听了乐湛的话,沅晨不禁皱了皱眉,道:“你理他们做什么?不过就是一群不相干的人。”他本身就是在这个村子里长大的,这里的人究竟是什么德行他再清楚不过了,见了面就当他们是粪土就好了,眼不见心不烦,若他也像乐湛似的整天愁眉苦脸的,估计等不到进碧游宫就跳黄浦江了。
“我知道他们是一群不相干的人,但我心里……总归是不舒服的。”乐湛说道,有时候他自己都觉得,是不是顾先生把他养得太娇了的缘故,总之他可做不到像沅晨那样没心没肺。
“哎呀,你要出去就自己出去嘛,我像在家里带着!”乐湛说道,便又低头去看那毫无营养且趣味平平的电子小说了。
“你!”沅晨简直气结,他和乐湛相处也不是一天两天了,两人一起在碧游宫修炼的时候他就发掘,这个小妖修简直忒娇气了些!
“乐湛,你这又是在闹什么啊?”顾子巍从卧室走了出来,又懒洋洋地掩唇打了个哈欠,身上那套月白色的简式汉服将他那风华绝代的气质越发地衬托了出来。

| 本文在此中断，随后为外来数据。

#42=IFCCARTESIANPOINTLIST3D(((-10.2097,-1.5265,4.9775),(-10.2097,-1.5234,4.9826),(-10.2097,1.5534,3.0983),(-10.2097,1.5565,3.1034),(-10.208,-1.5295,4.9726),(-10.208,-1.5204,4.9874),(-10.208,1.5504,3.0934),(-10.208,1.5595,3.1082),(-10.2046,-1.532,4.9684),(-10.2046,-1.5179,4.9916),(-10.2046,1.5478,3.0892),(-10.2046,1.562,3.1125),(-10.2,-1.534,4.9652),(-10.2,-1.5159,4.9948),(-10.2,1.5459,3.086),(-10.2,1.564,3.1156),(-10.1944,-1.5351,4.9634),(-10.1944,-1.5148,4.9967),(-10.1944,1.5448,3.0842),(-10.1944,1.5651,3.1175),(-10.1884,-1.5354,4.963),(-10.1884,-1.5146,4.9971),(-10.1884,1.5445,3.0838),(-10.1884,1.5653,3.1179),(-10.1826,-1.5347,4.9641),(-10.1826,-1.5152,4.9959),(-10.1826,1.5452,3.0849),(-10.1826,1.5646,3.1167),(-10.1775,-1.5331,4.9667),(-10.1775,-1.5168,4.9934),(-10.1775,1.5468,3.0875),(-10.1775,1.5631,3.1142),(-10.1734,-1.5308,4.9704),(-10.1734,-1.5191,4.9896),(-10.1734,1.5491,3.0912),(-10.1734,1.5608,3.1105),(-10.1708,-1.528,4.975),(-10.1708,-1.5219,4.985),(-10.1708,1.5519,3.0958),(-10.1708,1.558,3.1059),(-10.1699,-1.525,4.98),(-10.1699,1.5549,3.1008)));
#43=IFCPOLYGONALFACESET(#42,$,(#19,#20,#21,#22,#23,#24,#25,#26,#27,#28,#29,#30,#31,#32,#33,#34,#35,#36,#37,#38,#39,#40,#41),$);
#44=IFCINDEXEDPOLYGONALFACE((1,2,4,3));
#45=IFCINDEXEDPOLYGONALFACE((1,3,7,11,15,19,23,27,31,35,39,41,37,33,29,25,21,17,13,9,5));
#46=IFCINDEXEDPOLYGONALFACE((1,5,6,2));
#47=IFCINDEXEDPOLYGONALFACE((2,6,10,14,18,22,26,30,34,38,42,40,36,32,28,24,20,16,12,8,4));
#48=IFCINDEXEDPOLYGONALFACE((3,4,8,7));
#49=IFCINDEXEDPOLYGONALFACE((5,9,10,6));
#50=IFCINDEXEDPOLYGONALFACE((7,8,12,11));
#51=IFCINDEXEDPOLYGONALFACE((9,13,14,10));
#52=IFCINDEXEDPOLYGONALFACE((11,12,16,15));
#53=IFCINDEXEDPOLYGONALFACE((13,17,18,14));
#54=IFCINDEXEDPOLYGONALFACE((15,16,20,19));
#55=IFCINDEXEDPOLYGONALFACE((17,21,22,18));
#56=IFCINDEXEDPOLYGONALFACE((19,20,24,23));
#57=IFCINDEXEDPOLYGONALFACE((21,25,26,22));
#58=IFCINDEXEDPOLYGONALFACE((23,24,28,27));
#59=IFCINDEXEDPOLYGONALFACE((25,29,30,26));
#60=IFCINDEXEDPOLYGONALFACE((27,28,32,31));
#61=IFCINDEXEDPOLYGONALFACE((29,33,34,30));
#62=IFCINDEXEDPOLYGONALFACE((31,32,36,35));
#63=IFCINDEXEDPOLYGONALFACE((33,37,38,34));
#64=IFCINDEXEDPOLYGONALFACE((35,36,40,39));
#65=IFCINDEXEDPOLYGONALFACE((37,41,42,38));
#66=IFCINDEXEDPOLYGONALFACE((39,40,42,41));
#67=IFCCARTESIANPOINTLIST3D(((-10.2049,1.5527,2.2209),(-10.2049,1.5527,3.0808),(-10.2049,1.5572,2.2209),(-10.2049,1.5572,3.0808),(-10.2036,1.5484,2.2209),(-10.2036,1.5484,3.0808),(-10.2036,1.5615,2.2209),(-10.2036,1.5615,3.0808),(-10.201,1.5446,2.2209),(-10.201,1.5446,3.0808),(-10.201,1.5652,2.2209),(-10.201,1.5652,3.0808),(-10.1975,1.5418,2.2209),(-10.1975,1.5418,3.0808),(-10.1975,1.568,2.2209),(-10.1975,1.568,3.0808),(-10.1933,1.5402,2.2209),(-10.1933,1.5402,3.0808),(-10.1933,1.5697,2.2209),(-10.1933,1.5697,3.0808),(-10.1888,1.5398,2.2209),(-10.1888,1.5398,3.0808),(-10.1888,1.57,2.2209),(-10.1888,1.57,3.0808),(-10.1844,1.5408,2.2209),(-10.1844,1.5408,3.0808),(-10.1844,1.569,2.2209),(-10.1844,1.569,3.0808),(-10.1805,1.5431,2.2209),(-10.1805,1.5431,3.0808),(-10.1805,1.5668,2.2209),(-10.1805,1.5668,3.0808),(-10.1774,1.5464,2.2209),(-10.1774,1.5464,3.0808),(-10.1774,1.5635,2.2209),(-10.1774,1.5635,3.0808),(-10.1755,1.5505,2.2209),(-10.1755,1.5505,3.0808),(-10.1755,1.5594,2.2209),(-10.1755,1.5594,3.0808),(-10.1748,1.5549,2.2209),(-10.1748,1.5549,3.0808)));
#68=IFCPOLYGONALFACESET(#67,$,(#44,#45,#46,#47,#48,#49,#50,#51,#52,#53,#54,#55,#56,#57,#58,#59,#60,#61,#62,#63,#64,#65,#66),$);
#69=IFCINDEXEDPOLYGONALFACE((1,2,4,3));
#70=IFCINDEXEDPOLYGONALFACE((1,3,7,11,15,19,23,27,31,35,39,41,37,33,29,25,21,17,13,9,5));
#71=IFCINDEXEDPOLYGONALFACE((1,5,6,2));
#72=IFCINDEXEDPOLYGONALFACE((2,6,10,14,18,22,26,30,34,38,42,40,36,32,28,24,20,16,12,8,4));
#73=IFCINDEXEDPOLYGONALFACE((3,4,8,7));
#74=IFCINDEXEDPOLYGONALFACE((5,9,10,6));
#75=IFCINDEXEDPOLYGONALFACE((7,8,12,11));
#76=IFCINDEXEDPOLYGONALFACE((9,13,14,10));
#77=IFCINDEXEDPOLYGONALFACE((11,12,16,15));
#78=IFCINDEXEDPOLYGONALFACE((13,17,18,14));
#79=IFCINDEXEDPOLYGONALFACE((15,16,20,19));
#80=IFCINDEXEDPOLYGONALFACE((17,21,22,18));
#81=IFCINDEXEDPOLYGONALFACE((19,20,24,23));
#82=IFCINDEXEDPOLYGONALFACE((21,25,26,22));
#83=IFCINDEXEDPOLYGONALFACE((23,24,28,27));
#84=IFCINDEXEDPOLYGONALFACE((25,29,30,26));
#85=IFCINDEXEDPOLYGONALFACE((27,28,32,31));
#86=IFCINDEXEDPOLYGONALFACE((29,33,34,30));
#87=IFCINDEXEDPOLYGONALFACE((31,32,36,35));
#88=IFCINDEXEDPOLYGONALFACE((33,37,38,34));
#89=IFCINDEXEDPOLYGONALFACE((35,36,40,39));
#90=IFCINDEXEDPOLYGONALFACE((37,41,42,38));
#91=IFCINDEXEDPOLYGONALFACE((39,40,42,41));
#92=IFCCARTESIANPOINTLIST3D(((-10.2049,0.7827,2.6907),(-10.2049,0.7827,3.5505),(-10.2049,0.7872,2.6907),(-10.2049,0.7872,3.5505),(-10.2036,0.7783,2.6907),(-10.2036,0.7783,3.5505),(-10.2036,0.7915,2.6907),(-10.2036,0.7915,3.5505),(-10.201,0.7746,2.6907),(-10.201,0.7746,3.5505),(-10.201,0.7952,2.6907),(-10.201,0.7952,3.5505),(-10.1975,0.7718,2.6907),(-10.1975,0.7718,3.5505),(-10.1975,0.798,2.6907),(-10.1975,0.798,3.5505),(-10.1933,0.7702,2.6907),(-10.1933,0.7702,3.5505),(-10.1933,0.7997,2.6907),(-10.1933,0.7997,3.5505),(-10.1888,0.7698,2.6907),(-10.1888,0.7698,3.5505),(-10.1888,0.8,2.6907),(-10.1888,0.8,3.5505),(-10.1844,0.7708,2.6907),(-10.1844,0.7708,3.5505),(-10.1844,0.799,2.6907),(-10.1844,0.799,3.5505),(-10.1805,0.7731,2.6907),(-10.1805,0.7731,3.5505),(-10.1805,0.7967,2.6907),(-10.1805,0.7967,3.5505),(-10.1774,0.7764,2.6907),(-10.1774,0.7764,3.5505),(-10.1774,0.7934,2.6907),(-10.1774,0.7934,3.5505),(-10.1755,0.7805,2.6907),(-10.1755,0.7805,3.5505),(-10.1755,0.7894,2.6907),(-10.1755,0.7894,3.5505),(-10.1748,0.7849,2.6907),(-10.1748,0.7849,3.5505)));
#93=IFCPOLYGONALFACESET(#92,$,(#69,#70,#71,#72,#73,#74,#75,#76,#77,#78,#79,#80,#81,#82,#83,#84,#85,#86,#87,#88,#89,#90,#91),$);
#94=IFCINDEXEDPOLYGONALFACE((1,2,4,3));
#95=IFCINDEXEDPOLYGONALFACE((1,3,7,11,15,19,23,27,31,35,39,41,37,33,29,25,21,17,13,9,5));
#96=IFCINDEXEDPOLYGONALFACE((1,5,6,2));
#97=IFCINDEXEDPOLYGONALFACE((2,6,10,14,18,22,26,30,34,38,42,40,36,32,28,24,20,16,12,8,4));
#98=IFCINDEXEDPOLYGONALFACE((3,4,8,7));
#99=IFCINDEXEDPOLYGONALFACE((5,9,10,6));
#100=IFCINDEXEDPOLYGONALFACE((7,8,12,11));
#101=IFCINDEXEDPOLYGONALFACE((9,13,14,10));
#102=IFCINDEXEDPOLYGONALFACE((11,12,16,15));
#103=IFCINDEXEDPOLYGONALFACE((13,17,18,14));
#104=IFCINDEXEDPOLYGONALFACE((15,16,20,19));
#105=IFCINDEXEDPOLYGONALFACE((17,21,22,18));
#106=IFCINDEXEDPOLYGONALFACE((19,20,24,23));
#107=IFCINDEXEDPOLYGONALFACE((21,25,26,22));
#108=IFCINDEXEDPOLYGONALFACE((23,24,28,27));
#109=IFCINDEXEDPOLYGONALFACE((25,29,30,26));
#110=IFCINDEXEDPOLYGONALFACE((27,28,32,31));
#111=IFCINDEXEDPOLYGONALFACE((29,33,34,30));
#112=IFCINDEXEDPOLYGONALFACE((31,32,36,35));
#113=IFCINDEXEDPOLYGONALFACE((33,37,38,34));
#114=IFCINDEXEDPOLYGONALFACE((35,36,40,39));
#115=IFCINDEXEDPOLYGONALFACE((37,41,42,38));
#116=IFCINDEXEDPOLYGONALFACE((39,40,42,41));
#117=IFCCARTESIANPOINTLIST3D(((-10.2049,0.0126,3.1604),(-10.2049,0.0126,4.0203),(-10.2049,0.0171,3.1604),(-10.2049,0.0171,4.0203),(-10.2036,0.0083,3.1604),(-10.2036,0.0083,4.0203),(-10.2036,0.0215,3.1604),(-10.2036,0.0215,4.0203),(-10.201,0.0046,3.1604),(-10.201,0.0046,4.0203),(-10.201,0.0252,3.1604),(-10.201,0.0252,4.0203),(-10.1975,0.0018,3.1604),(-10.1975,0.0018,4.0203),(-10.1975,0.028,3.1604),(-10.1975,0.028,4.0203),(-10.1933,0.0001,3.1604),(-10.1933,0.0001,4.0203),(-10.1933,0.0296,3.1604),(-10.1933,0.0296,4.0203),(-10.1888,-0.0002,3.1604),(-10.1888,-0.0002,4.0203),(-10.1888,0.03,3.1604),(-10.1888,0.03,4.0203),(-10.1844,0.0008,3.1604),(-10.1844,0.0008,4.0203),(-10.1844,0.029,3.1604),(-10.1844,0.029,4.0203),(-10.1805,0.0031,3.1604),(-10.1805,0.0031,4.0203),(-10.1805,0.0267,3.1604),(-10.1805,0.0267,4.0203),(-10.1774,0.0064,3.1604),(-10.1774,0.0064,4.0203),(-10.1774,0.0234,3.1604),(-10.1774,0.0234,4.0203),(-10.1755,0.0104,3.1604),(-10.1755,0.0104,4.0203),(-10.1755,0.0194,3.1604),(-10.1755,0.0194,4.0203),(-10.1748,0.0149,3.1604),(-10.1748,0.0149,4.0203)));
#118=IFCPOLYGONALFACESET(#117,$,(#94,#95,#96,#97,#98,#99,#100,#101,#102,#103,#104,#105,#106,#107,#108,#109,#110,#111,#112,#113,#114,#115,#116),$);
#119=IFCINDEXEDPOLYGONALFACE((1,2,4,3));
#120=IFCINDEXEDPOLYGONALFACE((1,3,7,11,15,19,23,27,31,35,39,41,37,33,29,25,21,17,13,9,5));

“先生,喝茶。”被他们从祠堂里救出来的女孩端了一杯茶走近顾子巍。
顾子巍笑着拍了拍她的脑袋,说:“你倒是懂事,比起别的小崽子不知道要强上多少。”说完他又略带戏谑地看向了沅晨。
沅晨缩了缩脖子,他总觉得这个顾先生说的别的小崽子就是在指他,莫非这个顾先生已经知道了他和这个女孩的关系了?
他的脑中此时一片混沌,不知如何是好,想着顾子巍与上清圣人的关系,想在他在那个祠堂随手施展出的神通,也许,这个顾子巍真的能轻而易举地解决了这里的事,可是,他的仇该怎么办?
顾子巍接过女孩手中的茶,轻呷了一口,又转而看向沅晨,说道:“沅晨,其实,这新关村的事情以至于到了今天这般的麻烦局面,总归是酆都帝君自作聪明,若是刚刚事发便将此事上达天听,说与妖皇陛下,恐怕现在都没我们的什么事情了,可他却偏要将此事搅得令妖皇陛下注意万分。”他将手中的茶杯又递给了女孩,一错不错地看向沅晨,似笑非笑地问:“你说,这事是他自己说与陛下好,还是劳陛下亲自过问好呢?”
沅晨又如何不知这顾先生的话是说与他听的,当初酆都大帝与妖皇陛下的窘境,不就是此刻的他与这位顾先生之间的境况吗?看来这位顾先生早已看出了事情的始末,现在是在暗示他坦白从宽呢。
最终,还是心中的那点良知占据了上风。
“顾先生,求您救我!”沅晨跪在顾子巍身前,恳求道。